Some due diligence to consider:
On the surface MMEX and its Pecos County Refinery look like opportunity. Issuance of a TCEQ permit, a land purchase, news about the rail bridge at the Presidio Port, etc. all look like "good news.” Here are more fully-developed facts:
- the Pecos County land purchase of 126-acres, for $10 "and other consideration” - the Special Warranty Deed is a matter of public record, on file in Pecos County. “Other consideration” was likely warrants or some such - for those who’ve never visited Pecos County, near Sulphur Junction, land prices are rock bottom - the land has no agricultural use, most of the groundwater is brackish, and it is in a largely population-free part of West Texas.
- the $100 Permit By Regulation TCEQ for a 10,000bbl Crude Unit, which is obtained by filling in numbers on a form. The PBR process, and the permit are matters of public record, and on file with TCEQ. There is almost zero investment or effort involved in filing the PBR for a facility of this nature - it requires no engineering or analytic skills, and can be done by transcribing numbers from a spec sheet into the application.
- there is no legitimate financing behind this project.
- the fact that a crude distillation unit by itself is virtually useless, and does not form a complete refining operation.
- the fact that the Texas-Pacifico rail way (leased by Grupo Mexico from TXDOT) is virtually impassible south of Tinaja in Presidio County, TX, and that no rail bridge exists at the border crossing near the Port of Presidio as of this time.

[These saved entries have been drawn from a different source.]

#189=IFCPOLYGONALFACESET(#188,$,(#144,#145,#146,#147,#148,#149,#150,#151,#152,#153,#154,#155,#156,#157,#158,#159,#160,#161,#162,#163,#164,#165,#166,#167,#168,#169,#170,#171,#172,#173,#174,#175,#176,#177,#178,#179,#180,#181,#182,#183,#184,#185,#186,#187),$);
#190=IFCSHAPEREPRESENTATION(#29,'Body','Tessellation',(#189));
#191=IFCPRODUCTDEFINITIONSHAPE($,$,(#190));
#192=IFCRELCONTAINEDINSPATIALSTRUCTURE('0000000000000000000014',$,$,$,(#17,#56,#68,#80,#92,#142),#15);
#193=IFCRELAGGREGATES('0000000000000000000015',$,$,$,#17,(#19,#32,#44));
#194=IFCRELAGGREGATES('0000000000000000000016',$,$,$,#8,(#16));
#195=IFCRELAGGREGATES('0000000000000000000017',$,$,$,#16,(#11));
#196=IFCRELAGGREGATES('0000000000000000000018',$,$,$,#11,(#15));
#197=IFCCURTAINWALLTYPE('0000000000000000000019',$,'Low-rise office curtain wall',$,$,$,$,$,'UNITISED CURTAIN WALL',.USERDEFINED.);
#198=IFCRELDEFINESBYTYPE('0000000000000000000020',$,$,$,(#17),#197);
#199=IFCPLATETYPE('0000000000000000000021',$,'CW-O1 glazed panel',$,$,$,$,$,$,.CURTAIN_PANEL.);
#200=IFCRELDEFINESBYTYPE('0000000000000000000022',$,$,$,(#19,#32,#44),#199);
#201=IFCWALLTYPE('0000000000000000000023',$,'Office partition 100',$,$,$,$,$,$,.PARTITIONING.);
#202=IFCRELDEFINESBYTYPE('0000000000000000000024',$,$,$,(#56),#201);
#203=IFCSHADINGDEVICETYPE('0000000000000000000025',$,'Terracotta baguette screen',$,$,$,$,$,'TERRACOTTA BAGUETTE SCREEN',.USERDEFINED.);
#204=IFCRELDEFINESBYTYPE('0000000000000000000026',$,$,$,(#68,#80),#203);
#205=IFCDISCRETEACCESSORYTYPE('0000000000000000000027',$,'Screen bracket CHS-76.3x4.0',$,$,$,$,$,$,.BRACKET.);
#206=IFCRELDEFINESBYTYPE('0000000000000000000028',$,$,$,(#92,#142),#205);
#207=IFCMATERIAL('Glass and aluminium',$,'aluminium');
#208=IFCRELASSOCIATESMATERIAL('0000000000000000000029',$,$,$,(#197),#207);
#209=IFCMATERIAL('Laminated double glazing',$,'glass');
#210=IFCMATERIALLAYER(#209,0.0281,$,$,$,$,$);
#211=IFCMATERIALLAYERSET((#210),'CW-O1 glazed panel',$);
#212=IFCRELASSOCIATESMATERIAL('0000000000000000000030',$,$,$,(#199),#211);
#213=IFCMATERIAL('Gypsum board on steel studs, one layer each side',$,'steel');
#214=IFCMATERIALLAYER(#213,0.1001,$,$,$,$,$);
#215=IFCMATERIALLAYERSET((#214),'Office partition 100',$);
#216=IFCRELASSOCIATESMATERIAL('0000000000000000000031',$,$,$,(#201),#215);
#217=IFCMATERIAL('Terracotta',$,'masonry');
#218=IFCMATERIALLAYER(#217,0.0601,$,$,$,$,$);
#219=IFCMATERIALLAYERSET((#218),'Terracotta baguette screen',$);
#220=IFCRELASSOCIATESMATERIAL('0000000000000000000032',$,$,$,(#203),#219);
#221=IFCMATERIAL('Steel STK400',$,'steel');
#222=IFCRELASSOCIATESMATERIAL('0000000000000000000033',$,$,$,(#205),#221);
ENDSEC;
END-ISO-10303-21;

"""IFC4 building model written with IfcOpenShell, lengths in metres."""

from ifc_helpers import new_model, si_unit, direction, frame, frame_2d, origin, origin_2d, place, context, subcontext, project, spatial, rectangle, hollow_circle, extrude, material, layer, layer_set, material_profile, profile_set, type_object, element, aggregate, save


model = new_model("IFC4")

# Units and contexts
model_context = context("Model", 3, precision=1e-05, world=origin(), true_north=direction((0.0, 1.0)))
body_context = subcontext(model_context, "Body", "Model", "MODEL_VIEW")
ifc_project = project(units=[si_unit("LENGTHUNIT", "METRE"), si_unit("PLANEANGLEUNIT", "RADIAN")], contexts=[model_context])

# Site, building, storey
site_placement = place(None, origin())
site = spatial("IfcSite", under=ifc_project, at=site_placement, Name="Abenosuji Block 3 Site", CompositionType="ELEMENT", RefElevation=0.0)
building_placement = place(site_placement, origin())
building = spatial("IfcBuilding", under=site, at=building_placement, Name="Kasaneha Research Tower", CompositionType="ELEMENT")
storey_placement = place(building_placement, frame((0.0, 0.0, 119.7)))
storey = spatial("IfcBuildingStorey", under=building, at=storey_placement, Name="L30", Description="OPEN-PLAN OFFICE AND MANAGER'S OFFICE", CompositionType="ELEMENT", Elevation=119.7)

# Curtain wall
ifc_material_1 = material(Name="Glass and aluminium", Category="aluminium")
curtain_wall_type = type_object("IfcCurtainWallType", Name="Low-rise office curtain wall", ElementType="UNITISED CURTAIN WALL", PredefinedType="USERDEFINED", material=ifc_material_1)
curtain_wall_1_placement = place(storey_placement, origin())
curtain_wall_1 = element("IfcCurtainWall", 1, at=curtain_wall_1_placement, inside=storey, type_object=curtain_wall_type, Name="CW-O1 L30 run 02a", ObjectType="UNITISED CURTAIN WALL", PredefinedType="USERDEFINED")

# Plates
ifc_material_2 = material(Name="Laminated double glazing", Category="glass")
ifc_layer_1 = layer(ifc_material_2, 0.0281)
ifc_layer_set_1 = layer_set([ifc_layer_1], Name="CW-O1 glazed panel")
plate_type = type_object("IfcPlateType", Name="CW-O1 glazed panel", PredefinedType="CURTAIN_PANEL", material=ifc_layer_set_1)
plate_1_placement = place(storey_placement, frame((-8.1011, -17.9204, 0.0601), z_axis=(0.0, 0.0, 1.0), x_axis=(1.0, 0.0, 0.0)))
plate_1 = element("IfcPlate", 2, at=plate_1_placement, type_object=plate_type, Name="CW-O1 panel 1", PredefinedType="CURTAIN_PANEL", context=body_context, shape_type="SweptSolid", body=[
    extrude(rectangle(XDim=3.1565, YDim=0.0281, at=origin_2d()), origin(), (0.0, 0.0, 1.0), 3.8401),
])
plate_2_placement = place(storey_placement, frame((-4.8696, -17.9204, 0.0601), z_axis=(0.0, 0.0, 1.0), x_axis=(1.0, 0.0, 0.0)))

For comparable data, using regional operations, the Alon Big Spring unit is a 73,000bbl throughput system, with a complete refining operation. The Andeavor/Western Refinery unit in El Paso is a 135,000bbl system, with a refined products pipeline into Mexico. In contrast, the "Phase 1" MMEX project is a 10,000bbl crude, or "topping" unit. It couldn't make any product, other than low quality diesel, which can't be sold for OTR use in either Mexico or the U.S. - a topping unit is the "front end" only of a refinery - one needs a vacuum unit, cracking units, desulphuring units, isomerization units, and blending units to have a system that can produce marketable products. A 50,000bbl throughput system is on the margin in terms of profitable operation, and requires huge investment to produce even a partial suite of refined products ready for market.